For men, however, coats are usually very rare. That is, until now. During the official Fall 2023 men’s season that took place in January, Officine Générale, Fendi and Saint Laurent presented an arsenal of elegant coats in their collection. Some other brands, such as Sacai and Bode, even created a kind of illusion of the cape by draping wide scarves around the models’ necks to mimic the garment’s silhouette. Recently, contemporary label Nanushka presented a line of men’s coats alongside its women’s collection during Paris Fashion Week. This return of the cape, and its modern elements, results in a trend that oscillates between modesty, glamor and high drama.
“Capes have a rich aesthetic and the trendy obsession with things that are unusual and synonymous with elite style,” says Law.
The opera coat was a hallmark of 19th century fashion. “During that time, men’s coats were still in the atmosphere of popular dress. Wearing one would not be considered theatrical or costume-like as it would be today. It was just another option,” Sean Crowley, owner of Crowley Vintage NYC tells T&C. Crowley specializes in vintage clothing reminiscent of old Ralph Lauren ads and his pieces tug at the heartstrings of those nostalgic for a time when wearing a tie was the norm. “Besides the practicality of being able to throw a cape over a tuxedo, it was also just a style thing.”
At the beginning of the 20th century, the cape style underwent a series of changes. For women, the changes were dramatic: in the 20s they were shaped like cocoons and worn with evening looks, an ideal topper for fuller dresses. In the 30s, a hybrid between cape and fur was forged, and in the 50s, fashion designers freed the piece from its utilitarian roots by shortening the length to the chest in some cases. W0men’s Capes declined in popularity after the 70s, but would be reintroduced to high fashion runways in 2014 when Christopher Bailey presented a monogrammed plaid felt style poncho.
But for men, the cape hit hard and was mainly used by military officers throughout Europe and the United States. Still, men’s caps or cape-adjacent garments are best associated with royalty exemplified by King Charles the choice to don full regalia (which includes a red satin cloak) at the Order of the Bath service at Westminster Abbey in 2022.
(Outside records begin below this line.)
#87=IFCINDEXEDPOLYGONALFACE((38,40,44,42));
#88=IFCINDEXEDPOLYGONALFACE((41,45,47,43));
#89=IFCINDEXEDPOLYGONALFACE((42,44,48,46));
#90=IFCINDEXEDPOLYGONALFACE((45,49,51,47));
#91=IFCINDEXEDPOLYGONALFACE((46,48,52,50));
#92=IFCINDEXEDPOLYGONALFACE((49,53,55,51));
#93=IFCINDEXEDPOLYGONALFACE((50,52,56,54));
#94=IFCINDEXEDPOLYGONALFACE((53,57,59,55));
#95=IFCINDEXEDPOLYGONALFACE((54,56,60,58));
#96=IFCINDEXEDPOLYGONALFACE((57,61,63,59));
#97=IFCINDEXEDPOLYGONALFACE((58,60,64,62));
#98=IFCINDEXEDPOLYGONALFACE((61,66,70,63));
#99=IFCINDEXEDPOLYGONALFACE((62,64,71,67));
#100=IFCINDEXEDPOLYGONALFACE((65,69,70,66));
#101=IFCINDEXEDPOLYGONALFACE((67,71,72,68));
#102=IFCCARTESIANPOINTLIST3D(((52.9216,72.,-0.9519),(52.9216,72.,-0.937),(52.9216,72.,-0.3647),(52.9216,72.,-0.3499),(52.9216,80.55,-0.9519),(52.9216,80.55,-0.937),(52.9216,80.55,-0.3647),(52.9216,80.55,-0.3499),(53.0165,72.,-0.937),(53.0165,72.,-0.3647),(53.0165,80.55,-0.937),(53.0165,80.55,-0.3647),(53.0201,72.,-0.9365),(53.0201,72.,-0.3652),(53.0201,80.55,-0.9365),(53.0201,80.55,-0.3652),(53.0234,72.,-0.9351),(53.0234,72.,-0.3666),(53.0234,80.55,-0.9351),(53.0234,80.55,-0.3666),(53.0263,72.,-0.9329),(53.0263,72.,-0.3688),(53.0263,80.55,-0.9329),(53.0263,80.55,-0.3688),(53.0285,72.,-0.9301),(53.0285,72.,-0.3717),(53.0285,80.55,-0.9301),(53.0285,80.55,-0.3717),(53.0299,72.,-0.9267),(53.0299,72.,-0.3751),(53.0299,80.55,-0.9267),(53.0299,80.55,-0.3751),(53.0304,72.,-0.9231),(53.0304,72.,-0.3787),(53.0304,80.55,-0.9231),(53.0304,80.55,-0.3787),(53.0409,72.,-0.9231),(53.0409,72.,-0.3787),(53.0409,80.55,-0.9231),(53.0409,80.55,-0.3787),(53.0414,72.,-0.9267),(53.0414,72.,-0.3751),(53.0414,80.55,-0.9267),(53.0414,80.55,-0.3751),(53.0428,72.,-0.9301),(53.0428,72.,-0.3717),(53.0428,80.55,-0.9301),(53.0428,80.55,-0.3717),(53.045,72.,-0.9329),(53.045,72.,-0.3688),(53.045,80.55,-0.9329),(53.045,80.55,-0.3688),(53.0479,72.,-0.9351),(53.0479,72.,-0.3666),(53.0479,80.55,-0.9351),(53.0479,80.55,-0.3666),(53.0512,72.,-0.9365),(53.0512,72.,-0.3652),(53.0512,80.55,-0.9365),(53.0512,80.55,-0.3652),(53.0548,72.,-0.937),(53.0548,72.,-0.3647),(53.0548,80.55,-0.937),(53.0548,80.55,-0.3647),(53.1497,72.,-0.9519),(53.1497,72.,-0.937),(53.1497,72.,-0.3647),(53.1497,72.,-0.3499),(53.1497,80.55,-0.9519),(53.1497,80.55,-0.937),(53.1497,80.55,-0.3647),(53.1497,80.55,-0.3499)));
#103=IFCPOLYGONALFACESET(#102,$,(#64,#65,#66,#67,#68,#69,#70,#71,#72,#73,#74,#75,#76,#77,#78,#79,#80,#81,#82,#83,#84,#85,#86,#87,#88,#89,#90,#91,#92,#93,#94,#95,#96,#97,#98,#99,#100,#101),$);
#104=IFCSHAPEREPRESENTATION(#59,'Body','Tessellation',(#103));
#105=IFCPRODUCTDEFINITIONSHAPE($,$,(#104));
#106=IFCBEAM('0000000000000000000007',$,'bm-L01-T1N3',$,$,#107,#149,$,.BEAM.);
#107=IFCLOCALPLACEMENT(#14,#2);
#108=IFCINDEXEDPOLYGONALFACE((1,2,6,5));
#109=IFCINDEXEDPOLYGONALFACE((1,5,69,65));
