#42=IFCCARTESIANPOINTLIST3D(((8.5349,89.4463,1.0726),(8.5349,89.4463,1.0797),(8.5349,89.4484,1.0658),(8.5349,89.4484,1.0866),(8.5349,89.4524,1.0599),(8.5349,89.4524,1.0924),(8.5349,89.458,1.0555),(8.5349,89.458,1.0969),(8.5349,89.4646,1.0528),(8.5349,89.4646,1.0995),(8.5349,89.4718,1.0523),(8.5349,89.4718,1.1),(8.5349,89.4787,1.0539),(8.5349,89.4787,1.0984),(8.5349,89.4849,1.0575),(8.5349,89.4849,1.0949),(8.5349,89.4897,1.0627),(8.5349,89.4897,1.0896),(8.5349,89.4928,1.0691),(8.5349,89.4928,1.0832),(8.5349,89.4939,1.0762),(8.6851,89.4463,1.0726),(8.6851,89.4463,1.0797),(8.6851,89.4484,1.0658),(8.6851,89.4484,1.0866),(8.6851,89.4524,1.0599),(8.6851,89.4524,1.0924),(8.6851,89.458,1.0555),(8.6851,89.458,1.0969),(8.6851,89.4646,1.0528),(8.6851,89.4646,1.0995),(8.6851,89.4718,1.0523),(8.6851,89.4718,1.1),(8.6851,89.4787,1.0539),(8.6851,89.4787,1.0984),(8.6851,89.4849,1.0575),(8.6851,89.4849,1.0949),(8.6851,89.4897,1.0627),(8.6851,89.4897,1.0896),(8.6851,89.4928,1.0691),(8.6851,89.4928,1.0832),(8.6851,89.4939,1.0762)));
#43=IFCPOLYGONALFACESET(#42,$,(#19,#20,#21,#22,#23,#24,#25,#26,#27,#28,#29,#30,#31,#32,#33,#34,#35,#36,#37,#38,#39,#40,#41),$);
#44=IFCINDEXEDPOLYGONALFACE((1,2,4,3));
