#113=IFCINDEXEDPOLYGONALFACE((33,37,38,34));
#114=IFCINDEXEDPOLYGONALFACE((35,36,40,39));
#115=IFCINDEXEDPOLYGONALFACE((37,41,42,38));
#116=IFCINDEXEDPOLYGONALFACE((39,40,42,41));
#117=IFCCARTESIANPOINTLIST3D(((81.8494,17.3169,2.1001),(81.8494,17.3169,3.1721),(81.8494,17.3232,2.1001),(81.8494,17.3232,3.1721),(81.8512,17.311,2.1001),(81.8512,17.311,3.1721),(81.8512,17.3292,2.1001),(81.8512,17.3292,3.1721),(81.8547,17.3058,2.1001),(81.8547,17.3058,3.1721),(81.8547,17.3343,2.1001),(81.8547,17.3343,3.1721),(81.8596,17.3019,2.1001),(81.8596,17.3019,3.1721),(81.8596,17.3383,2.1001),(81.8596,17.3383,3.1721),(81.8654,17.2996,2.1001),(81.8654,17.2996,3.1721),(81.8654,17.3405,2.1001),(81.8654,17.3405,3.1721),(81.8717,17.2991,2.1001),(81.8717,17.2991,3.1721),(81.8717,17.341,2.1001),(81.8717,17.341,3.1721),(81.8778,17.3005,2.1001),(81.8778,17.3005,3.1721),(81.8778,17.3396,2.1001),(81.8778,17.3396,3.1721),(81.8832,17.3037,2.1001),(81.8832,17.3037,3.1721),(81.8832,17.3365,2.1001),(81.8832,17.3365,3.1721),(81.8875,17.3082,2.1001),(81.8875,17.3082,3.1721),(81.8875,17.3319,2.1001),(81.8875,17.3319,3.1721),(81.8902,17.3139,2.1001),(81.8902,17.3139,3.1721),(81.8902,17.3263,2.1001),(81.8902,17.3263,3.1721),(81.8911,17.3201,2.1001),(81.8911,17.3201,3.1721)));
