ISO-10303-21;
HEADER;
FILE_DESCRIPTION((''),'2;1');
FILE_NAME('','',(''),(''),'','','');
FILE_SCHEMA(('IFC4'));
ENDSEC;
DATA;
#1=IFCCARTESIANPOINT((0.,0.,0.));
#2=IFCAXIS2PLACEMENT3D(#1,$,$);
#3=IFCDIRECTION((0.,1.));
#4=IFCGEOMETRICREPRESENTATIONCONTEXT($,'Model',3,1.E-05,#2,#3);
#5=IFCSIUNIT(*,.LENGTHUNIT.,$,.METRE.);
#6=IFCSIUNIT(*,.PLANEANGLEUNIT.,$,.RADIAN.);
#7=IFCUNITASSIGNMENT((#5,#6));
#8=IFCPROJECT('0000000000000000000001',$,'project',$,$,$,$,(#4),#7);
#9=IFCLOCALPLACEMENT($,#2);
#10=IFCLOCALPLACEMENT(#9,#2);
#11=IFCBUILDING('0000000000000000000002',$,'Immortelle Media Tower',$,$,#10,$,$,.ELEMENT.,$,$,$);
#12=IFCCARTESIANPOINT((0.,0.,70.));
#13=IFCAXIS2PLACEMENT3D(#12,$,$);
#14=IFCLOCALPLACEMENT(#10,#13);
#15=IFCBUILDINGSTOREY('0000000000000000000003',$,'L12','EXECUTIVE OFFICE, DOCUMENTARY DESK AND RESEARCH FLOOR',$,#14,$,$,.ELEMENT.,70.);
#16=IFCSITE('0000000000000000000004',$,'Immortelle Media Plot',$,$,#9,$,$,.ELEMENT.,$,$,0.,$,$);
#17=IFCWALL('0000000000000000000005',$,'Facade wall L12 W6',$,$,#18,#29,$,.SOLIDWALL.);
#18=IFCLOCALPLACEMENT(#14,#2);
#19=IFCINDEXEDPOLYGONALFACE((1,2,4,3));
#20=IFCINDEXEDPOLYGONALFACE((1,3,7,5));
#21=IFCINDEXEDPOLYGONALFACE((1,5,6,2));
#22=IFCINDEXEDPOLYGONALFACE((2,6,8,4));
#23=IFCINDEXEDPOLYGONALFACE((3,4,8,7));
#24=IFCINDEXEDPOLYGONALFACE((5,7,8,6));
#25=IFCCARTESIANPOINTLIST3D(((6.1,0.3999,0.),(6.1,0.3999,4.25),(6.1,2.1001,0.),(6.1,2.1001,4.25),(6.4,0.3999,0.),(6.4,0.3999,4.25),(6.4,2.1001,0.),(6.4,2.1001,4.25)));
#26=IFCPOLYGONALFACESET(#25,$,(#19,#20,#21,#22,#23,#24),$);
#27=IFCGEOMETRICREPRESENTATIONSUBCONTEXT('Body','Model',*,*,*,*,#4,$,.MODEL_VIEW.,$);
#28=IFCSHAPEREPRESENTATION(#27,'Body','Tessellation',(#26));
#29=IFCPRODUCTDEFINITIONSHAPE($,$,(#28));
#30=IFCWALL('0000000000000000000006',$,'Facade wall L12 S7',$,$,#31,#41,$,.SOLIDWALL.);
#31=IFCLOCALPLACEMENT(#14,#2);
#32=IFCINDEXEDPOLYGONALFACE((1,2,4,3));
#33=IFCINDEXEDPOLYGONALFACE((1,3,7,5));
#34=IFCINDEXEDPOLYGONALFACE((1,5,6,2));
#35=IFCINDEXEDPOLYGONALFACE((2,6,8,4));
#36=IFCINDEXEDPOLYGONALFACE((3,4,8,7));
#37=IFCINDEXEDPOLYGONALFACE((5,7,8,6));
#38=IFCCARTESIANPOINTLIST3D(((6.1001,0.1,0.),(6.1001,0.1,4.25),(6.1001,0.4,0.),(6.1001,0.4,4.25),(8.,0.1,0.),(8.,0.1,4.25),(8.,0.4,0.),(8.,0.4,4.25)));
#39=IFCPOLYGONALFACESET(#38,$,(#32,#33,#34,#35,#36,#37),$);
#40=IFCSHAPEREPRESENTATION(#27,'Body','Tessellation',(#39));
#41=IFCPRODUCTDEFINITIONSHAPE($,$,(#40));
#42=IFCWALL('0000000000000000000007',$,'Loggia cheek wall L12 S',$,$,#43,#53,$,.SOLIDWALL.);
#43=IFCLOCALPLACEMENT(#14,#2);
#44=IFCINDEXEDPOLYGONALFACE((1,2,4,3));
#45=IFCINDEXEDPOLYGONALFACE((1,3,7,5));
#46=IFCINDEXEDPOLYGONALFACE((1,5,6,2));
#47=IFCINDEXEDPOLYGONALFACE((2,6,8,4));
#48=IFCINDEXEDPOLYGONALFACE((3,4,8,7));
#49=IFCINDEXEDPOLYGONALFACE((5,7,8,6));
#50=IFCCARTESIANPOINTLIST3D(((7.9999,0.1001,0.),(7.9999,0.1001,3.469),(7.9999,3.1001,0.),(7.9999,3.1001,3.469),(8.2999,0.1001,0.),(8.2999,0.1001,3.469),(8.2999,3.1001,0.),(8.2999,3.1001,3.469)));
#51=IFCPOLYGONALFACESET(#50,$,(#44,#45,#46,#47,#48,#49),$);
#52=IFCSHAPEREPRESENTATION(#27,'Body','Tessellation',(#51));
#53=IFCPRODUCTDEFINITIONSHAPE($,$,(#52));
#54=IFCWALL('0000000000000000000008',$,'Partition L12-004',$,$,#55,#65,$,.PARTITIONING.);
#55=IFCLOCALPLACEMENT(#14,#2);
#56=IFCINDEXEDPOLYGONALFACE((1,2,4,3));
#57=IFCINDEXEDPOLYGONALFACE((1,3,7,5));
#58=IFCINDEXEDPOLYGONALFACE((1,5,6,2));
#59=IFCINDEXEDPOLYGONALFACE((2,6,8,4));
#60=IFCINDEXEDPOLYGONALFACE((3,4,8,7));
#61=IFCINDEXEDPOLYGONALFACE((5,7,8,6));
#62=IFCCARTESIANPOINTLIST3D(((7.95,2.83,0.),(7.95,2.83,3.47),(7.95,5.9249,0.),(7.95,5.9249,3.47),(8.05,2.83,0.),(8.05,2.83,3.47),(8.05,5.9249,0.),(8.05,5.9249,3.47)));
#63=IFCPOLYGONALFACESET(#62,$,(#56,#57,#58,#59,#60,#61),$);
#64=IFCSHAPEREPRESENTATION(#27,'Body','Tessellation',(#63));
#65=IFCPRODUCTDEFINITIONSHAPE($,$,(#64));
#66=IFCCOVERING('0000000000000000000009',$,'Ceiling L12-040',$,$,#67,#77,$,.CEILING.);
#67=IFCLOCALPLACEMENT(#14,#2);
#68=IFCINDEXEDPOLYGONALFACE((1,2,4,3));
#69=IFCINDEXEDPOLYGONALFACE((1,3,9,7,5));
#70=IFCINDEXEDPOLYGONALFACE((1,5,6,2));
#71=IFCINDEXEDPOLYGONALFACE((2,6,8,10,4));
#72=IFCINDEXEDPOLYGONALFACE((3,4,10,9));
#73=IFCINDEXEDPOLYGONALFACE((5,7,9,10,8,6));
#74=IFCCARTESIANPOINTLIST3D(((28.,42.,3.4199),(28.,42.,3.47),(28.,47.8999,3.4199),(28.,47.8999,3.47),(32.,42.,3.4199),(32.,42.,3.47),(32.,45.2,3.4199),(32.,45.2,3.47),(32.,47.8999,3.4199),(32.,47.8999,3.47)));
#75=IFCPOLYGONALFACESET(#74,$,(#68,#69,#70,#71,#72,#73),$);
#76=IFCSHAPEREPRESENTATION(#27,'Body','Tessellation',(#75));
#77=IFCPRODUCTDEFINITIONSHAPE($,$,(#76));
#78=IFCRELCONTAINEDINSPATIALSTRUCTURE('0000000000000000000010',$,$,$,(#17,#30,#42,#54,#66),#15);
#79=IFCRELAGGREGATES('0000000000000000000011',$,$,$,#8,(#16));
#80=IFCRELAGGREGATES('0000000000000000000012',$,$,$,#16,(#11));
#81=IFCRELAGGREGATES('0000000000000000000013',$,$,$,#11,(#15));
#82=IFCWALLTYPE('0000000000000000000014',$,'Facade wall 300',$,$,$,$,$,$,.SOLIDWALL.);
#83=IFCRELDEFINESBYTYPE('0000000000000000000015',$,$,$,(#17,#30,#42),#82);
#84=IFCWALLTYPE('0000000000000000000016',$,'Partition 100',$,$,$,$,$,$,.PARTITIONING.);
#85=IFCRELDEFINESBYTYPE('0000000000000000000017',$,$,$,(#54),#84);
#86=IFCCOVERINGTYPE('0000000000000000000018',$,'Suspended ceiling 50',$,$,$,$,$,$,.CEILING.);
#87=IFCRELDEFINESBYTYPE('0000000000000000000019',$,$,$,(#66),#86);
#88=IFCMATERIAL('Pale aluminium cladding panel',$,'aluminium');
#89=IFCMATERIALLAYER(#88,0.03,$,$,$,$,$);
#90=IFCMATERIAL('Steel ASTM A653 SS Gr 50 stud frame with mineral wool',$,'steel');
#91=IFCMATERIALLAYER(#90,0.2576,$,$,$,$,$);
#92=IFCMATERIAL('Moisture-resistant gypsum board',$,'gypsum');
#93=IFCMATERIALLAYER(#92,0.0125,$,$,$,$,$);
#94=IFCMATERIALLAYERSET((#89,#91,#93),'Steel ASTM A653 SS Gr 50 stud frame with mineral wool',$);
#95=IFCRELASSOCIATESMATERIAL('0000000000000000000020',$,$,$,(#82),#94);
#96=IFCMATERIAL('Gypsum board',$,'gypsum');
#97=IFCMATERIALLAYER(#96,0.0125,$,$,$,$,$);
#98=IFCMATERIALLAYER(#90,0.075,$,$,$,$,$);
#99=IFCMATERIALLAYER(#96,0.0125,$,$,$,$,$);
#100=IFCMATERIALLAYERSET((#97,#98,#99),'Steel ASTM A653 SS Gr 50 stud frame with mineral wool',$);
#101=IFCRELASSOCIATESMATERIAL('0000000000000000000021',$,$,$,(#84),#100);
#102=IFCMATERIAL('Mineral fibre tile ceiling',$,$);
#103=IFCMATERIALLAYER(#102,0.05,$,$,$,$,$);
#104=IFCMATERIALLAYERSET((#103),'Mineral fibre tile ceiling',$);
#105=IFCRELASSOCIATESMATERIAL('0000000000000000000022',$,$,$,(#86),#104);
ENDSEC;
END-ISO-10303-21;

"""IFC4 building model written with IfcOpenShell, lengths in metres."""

from ifc_helpers import new_model, si_unit, direction, frame, frame_2d, origin, place, context, subcontext, project, spatial, polyline, rectangle, outline, extrude, material, layer, layer_set, type_object, element, save


model = new_model("IFC4")

# Units and contexts
model_context = context("Model", 3, precision=1e-05, world=origin(), true_north=direction((0.0, 1.0)))
body_context = subcontext(model_context, "Body", "Model", "MODEL_VIEW")
ifc_project = project(units=[si_unit("LENGTHUNIT", "METRE"), si_unit("PLANEANGLEUNIT", "RADIAN")], contexts=[model_context])

# Site, building, storey
site_placement = place(None, origin())
site = spatial("IfcSite", under=ifc_project, at=site_placement, Name="Immortelle Media Plot", CompositionType="ELEMENT", RefElevation=0.0)
building_placement = place(site_placement, origin())
building = spatial("IfcBuilding", under=site, at=building_placement, Name="Immortelle Media Tower", CompositionType="ELEMENT")
storey_placement = place(building_placement, frame((0.0, 0.0, 70.0)))
storey = spatial("IfcBuildingStorey", under=building, at=storey_placement, Name="L12", Description="EXECUTIVE OFFICE, DOCUMENTARY DESK AND RESEARCH FLOOR", CompositionType="ELEMENT", Elevation=70.0)

# Walls
ifc_material_1 = material(Name="Pale aluminium cladding panel", Category="aluminium")
ifc_layer_1 = layer(ifc_material_1, 0.03)
ifc_material_2 = material(Name="Steel ASTM A653 SS Gr 50 stud frame with mineral wool", Category="steel")
ifc_layer_2 = layer(ifc_material_2, 0.2576)
ifc_material_3 = material(Name="Moisture-resistant gypsum board", Category="gypsum")
ifc_layer_3 = layer(ifc_material_3, 0.0125)
ifc_layer_set_1 = layer_set([ifc_layer_1, ifc_layer_2, ifc_layer_3], Name="Steel ASTM A653 SS Gr 50 stud frame with mineral wool")
wall_type_1 = type_object("IfcWallType", Name="Facade wall 300", PredefinedType="SOLIDWALL", material=ifc_layer_set_1)
wall_1_placement = place(storey_placement, frame((6.25, 2.1001, 0.0), z_axis=(0.0, 0.0, 1.0), x_axis=(0.0, -1.0, 0.0)))
element("IfcWall", 1, at=wall_1_placement, inside=storey, type_object=wall_type_1, Name="Facade wall L12 W6", PredefinedType="SOLIDWALL", context=body_context, shape_type="SweptSolid", body=[
    extrude(rectangle(XDim=1.7002, YDim=0.3, at=frame_2d((0.8501, 0.0))), origin(), (0.0, 0.0, 1.0), 4.25),
])
wall_2_placement = place(storey_placement, frame((6.1001, 0.25, 0.0), z_axis=(0.0, 0.0, 1.0), x_axis=(1.0, 0.0, 0.0)))
element("IfcWall", 2, at=wall_2_placement, inside=storey, type_object=wall_type_1, Name="Facade wall L12 S7", PredefinedType="SOLIDWALL", context=body_context, shape_type="SweptSolid", body=[
    extrude(rectangle(XDim=1.8999, YDim=0.3, at=frame_2d((0.95, 0.0))), origin(), (0.0, 0.0, 1.0), 4.25),
])

# Walls
wall_3_placement = place(storey_placement, frame((8.1499, 0.1001, 0.0), z_axis=(0.0, 0.0, 1.0), x_axis=(0.0, 1.0, 0.0)))
element("IfcWall", 3, at=wall_3_placement, inside=storey, type_object=wall_type_1, Name="Loggia cheek wall L12 S", PredefinedType="SOLIDWALL", context=body_context, shape_type="SweptSolid", body=[
    extrude(rectangle(XDim=3.0, YDim=0.3, at=frame_2d((1.5, 0.0))), origin(), (0.0, 0.0, 1.0), 3.469),
])
ifc_material_4 = material(Name="Gypsum board", Category="gypsum")
ifc_layer_4 = layer(ifc_material_4, 0.0125)
ifc_layer_5 = layer(ifc_material_2, 0.075)
ifc_layer_6 = layer(ifc_material_4, 0.0125)
ifc_layer_set_2 = layer_set([ifc_layer_4, ifc_layer_5, ifc_layer_6], Name="Steel ASTM A653 SS Gr 50 stud frame with mineral wool")
wall_type_2 = type_object("IfcWallType", Name="Partition 100", PredefinedType="PARTITIONING", material=ifc_layer_set_2)
wall_4_placement = place(storey_placement, frame((8.0, 2.8301, 0.0), z_axis=(0.0, 0.0, 1.0), x_axis=(0.0, 1.0, 0.0)))
element("IfcWall", 4, at=wall_4_placement, inside=storey, type_object=wall_type_2, Name="Partition L12-004", PredefinedType="PARTITIONING", context=body_context, shape_type="SweptSolid", body=[
    extrude(rectangle(XDim=3.095, YDim=0.1001, at=frame_2d((1.5474, 0.0))), origin(), (0.0, 0.0, 1.0), 3.47),
])

# Covering
ifc_material_5 = material(Name="Mineral fibre tile ceiling")
ifc_layer_7 = layer(ifc_material_5, 0.05)
ifc_layer_set_3 = layer_set([ifc_layer_7], Name="Mineral fibre tile ceiling")
covering_type = type_object("IfcCoveringType", Name="Suspended ceiling 50", PredefinedType="CEILING", material=ifc_layer_set_3)
covering_placement = place(storey_placement, frame((0.0, 0.0, 3.4199)))
element("IfcCovering", 5, at=covering_placement, inside=storey, type_object=covering_type, Name="Ceiling L12-040", PredefinedType="CEILING", context=body_context, shape_type="SweptSolid", body=[
    extrude(outline(polyline([(32.0, 47.8999), (32.0, 45.2), (32.0, 42.0), (28.0, 42.0), (28.0, 47.8999), (32.0, 47.8999)])), origin(), (0.0, 0.0, 1.0), 0.05),
])

save(model, "model.ifc")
But now it seems that men’s coats are ready for their revival. Aside from recent fashion seasons featuring coats for both men and women, the daring outerwear has been seen on men off the runway as well. Actor Percy Hynes White wore one by Saint Laurent at the 2023 Golden Globes, and Crowley sold one of his “best” coats to 22-year-old menswear fashion influencer, Wisdom Kaye who has 2.3 million followers on Instagram and 9.3 million followers on Tik-Tok. “I think what we’re seeing on the runway reflects the overall increase in experimentation in men’s formal wear,” says Crowley. “Men in particular embrace a level of exuberance and fun in their attire. Men used to wear suits every day and now it’s not necessary. Dressing up is a choice, and when someone makes that choice, they’re probably excited about it. Cape fits in there.”